On July 23, 2020, India restricted purchases for public projects, including those being developed as public-private partnerships, from companies in countries that share a land border with it due to security concerns. It was a retaliatory action against Chinese aggression on Indian boarders, which followed a DPIIT notification of April 2020 removing Chinese investments from the so-called automatic approval route fearing a takeover of Indian firms at a time when the country was fighting against the Covid-19 pandemic.
India had also reacted to Chinese aggression in eastern Ladakh in June that year in which 20 Indian soldiers and an unknown number of Chinese soldiers were killed. On June 29, 2020 the Narendra Modi government announced a ban on 59, mostly Chinese, mobile applications such as TikTok, UC Browser and WeChat, citing concerns that these are prejudicial to the sovereignty of India, defence of India, security of state and public order. Later, many other Chinese firms were included in the list.
The latest order will bar even indirect Chinese participation in strategic sectors such as power, petroleum, coal and telecom.

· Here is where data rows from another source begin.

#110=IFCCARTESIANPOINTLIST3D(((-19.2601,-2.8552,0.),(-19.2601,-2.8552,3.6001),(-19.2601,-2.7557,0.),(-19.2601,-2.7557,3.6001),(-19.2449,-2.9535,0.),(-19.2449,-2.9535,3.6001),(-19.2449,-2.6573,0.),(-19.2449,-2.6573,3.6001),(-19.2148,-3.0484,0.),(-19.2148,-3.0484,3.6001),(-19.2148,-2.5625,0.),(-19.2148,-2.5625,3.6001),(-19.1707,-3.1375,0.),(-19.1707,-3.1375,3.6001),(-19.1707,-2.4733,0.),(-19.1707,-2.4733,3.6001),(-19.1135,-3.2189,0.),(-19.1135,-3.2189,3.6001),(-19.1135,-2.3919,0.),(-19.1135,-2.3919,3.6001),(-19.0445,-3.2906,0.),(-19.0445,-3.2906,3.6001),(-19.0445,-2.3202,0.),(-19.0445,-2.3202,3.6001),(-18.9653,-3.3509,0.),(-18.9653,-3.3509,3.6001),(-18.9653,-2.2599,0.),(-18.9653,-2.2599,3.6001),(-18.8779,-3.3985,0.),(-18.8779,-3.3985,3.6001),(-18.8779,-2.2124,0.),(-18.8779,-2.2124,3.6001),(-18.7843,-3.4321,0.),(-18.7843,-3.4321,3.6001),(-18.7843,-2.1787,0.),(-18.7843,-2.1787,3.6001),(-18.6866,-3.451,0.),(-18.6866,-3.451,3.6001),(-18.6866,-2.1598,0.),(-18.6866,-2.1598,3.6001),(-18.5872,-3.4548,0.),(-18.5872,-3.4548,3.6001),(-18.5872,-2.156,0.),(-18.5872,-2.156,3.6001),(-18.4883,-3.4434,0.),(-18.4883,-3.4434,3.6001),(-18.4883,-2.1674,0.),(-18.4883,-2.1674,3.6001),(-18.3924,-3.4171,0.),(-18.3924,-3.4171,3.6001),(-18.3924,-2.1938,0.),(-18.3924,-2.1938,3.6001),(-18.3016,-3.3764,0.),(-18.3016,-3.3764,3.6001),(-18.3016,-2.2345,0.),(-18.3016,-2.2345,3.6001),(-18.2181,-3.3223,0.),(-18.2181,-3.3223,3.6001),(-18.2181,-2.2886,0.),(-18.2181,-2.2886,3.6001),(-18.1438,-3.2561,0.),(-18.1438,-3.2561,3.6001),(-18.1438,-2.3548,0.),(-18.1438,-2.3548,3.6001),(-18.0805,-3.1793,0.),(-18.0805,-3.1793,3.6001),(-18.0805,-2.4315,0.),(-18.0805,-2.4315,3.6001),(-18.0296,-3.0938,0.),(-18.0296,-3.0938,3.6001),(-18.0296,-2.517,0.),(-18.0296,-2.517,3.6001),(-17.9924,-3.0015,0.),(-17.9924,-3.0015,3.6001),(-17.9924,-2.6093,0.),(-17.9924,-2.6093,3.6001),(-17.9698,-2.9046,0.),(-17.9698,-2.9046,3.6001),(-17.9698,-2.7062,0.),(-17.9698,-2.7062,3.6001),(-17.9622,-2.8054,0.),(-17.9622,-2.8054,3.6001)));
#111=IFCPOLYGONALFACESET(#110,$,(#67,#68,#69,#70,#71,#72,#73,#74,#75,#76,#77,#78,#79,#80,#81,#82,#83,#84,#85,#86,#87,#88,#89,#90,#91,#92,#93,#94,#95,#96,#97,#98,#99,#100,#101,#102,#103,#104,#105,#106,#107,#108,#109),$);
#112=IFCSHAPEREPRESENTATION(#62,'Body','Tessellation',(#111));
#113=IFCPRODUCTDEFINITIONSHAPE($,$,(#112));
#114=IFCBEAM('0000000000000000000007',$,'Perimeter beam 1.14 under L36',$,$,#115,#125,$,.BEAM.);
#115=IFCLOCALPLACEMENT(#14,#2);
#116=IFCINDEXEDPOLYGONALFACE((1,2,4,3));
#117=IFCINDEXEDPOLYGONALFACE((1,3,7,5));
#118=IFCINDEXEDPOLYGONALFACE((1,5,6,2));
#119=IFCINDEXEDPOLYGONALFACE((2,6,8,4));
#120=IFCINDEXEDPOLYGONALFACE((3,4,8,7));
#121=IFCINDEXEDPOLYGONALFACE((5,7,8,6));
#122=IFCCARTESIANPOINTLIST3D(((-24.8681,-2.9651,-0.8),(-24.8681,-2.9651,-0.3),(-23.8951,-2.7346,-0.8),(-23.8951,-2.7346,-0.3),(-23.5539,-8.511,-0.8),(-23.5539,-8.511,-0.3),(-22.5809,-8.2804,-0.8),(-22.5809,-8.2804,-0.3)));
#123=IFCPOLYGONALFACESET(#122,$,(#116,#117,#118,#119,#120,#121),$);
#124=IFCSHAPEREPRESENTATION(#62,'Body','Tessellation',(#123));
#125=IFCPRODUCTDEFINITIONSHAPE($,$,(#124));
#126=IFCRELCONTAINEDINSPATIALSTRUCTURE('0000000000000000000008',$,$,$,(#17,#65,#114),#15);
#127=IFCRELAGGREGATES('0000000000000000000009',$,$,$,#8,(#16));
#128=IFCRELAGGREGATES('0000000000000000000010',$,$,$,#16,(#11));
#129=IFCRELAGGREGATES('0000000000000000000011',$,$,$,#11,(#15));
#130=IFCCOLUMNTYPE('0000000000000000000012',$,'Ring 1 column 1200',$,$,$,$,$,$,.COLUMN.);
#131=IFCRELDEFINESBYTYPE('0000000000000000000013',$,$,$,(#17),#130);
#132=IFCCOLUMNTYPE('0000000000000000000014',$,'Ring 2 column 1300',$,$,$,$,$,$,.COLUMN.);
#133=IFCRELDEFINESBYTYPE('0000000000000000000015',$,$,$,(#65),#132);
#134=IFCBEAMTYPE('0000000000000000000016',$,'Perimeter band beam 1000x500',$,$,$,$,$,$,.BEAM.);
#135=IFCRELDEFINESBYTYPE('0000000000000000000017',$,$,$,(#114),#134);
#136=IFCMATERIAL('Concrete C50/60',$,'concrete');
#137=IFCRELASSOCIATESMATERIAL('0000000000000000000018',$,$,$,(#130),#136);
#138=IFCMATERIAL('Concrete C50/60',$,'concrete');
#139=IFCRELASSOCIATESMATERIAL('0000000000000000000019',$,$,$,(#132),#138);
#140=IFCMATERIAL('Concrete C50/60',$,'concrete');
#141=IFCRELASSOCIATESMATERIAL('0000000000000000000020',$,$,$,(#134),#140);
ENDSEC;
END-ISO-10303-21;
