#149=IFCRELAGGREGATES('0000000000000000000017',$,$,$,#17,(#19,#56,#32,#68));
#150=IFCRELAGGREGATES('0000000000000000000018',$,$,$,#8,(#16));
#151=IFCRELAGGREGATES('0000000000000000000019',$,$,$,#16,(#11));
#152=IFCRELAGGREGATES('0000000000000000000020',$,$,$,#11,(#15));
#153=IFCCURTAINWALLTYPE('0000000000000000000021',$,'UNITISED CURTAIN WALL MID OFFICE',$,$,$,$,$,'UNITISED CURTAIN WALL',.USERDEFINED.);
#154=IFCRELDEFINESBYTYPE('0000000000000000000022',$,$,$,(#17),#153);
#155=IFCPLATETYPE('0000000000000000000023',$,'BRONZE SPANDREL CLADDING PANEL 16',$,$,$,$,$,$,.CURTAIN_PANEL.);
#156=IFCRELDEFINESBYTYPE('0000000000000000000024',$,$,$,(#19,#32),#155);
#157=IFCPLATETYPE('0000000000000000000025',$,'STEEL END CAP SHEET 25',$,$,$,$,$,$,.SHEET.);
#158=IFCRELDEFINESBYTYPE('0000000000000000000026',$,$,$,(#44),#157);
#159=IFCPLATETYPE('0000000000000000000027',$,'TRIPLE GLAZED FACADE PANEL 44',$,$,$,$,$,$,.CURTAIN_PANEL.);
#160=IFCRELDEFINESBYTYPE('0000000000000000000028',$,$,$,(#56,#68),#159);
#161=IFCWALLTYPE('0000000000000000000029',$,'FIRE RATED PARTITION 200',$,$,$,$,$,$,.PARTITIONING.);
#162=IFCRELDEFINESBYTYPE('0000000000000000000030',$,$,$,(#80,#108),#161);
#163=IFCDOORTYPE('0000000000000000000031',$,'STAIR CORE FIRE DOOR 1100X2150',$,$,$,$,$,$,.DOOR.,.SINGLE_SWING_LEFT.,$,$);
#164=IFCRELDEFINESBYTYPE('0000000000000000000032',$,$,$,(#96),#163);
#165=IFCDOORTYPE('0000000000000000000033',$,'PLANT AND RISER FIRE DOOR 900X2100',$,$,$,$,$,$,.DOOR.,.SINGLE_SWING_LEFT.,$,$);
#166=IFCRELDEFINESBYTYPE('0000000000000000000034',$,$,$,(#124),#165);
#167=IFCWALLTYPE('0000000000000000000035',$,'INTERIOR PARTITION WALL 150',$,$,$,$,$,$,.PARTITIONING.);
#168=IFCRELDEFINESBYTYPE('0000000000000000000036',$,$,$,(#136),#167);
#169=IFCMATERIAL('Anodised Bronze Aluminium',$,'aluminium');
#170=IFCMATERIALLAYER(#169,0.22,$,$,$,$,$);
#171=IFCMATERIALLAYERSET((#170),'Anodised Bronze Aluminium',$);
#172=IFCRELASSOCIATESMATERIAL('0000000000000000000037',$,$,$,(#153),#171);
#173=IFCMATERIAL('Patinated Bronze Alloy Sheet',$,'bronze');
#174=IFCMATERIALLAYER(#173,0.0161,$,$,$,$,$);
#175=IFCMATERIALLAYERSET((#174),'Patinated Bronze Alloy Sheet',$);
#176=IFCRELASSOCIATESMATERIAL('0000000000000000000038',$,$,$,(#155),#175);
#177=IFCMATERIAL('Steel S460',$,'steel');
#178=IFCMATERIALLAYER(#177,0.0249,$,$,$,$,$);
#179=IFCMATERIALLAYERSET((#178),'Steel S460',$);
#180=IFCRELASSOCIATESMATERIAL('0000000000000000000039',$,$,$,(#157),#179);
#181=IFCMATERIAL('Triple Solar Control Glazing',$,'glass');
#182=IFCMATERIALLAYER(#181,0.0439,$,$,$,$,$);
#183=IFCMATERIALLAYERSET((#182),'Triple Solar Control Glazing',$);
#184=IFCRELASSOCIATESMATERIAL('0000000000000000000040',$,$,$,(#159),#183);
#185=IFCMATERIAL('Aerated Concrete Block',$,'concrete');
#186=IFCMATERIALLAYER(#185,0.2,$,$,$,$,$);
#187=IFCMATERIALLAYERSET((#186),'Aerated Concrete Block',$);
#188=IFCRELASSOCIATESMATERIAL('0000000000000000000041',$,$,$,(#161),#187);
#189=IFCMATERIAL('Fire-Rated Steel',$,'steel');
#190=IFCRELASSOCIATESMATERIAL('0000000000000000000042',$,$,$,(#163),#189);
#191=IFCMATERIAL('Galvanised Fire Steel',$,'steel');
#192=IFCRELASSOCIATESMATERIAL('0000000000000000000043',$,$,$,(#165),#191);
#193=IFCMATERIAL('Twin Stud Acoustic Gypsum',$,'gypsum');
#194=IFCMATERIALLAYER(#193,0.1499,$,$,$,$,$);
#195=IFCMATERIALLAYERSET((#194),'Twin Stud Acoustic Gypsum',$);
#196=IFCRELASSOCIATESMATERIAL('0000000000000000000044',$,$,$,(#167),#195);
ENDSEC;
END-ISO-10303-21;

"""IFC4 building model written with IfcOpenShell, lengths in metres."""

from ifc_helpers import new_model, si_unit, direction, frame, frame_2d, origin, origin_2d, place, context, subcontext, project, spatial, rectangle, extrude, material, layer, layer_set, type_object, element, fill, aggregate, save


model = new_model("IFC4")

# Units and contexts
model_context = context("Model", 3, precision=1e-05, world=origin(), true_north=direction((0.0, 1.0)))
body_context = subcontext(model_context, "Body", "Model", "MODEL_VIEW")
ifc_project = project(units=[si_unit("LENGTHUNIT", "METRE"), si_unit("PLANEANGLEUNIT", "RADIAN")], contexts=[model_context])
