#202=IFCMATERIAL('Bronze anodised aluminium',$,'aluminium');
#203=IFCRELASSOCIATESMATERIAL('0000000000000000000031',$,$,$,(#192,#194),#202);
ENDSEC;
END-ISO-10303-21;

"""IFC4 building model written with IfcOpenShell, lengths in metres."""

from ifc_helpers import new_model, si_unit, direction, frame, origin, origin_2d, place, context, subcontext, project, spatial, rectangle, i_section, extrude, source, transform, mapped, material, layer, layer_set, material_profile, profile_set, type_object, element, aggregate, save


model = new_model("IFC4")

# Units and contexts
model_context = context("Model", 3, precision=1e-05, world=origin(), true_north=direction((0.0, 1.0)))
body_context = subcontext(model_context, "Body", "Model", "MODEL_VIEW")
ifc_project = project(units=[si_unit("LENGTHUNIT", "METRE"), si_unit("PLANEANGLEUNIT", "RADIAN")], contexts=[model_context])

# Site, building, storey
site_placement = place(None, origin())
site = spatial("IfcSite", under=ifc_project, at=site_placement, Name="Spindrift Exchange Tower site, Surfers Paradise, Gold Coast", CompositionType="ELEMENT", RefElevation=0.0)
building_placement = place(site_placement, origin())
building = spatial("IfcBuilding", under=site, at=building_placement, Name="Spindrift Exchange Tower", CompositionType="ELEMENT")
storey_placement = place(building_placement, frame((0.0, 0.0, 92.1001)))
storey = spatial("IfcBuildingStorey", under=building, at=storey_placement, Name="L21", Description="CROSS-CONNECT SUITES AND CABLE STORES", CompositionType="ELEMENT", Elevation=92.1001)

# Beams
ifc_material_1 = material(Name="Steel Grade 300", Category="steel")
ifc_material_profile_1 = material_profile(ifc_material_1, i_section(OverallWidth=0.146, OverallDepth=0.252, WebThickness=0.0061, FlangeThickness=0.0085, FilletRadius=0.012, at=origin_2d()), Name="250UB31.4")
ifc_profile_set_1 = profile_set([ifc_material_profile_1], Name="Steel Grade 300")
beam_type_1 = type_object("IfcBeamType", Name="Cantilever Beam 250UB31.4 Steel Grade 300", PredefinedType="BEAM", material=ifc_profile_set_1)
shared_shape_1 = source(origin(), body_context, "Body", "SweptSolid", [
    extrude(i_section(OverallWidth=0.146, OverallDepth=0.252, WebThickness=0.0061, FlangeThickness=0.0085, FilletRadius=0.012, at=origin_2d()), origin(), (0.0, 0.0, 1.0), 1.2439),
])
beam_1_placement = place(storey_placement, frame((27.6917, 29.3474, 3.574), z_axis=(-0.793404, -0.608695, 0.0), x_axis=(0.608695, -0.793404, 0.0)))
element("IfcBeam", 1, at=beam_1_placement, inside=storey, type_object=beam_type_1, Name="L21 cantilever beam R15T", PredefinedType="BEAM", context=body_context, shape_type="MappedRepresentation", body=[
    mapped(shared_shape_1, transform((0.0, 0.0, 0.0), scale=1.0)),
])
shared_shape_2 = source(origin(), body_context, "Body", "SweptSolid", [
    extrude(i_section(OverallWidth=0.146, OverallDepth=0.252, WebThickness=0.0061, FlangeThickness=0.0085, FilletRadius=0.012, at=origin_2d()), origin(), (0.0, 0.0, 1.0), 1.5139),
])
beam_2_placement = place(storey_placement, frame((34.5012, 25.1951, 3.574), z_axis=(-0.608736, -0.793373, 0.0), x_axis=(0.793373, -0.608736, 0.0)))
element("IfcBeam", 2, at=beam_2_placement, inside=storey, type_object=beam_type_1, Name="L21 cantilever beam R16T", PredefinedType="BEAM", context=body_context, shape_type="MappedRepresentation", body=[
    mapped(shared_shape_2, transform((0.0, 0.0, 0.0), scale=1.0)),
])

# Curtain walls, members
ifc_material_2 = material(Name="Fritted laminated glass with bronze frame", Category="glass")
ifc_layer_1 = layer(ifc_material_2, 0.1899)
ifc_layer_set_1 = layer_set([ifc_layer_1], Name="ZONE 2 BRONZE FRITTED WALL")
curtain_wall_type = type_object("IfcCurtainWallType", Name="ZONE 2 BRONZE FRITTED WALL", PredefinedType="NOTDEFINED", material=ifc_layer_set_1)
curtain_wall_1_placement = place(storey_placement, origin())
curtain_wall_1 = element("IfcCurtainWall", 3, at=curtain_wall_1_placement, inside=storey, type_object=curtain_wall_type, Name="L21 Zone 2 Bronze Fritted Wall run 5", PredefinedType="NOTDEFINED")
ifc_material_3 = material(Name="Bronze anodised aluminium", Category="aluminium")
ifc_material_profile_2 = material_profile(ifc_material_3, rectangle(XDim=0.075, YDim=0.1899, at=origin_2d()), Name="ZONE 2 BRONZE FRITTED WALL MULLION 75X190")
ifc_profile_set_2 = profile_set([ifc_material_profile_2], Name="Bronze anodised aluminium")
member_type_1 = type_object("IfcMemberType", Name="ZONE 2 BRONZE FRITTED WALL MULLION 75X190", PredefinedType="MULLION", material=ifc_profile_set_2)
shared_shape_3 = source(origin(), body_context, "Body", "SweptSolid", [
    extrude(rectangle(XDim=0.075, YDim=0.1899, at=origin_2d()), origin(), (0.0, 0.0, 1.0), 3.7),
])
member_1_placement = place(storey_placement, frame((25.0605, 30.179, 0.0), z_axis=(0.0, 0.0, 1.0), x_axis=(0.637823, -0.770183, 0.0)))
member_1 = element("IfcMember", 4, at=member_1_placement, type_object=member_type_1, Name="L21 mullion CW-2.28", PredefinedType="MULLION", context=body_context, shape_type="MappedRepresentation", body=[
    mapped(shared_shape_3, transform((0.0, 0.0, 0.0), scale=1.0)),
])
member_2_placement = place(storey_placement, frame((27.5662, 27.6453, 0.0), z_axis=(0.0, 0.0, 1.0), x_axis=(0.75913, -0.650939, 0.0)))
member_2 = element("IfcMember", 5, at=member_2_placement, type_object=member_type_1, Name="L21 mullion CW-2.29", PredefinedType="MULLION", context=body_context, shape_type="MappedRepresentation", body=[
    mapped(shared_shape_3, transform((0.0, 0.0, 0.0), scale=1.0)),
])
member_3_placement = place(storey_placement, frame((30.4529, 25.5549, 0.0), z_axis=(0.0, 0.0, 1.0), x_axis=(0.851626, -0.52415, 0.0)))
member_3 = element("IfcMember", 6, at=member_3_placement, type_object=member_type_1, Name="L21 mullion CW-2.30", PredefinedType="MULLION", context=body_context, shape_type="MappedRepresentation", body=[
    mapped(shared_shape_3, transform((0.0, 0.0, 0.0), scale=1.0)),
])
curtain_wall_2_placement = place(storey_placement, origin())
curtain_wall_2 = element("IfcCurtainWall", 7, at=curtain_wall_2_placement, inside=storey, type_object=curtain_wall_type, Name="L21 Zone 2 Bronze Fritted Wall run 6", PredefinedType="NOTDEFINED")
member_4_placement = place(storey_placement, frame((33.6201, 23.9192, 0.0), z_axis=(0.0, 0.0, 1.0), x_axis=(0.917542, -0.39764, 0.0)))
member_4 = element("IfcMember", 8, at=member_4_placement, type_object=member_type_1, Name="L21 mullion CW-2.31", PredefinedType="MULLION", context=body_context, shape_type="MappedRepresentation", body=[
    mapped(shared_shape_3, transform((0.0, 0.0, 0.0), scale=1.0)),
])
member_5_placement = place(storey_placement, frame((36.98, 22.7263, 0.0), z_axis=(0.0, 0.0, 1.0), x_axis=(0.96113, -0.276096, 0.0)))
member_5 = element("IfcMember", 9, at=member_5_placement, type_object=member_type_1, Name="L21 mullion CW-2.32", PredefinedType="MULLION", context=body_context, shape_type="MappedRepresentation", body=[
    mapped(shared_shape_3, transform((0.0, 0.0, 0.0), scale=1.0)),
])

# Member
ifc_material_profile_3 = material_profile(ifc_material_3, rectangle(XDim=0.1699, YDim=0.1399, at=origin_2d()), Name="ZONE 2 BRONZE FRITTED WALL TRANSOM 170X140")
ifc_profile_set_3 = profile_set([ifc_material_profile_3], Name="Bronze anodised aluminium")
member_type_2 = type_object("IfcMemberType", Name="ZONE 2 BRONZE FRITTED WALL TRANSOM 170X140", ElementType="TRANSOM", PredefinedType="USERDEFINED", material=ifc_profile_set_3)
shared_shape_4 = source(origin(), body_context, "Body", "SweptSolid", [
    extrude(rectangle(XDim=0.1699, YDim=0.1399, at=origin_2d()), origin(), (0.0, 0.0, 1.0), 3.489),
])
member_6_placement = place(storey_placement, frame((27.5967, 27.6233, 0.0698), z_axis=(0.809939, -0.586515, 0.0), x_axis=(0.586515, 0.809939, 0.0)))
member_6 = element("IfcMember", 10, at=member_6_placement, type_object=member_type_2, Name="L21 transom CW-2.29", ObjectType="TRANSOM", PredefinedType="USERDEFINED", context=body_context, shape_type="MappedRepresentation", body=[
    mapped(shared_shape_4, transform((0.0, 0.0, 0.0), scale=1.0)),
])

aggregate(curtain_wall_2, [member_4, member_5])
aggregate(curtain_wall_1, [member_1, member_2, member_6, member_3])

In order to check the influx of cheaper Chinese products, the government also took both offensive and defensive economic measures such as anti-dumping duties have been imposed on various goods originating from China, the Make in India campaign and the production-linked initiative (PLI) scheme for over a dozen sectors, the second person said.
Mint reported on 7 June this year that India has approved less than a quarter of the total FDI applications from China since April 2020. Also, in October 2020, India’s home ministry raised concerns about potentially sensitive investments in critical sectors from “certain countries”, given the blurred ownership lines between state-owned and privately held firms in China, the report said.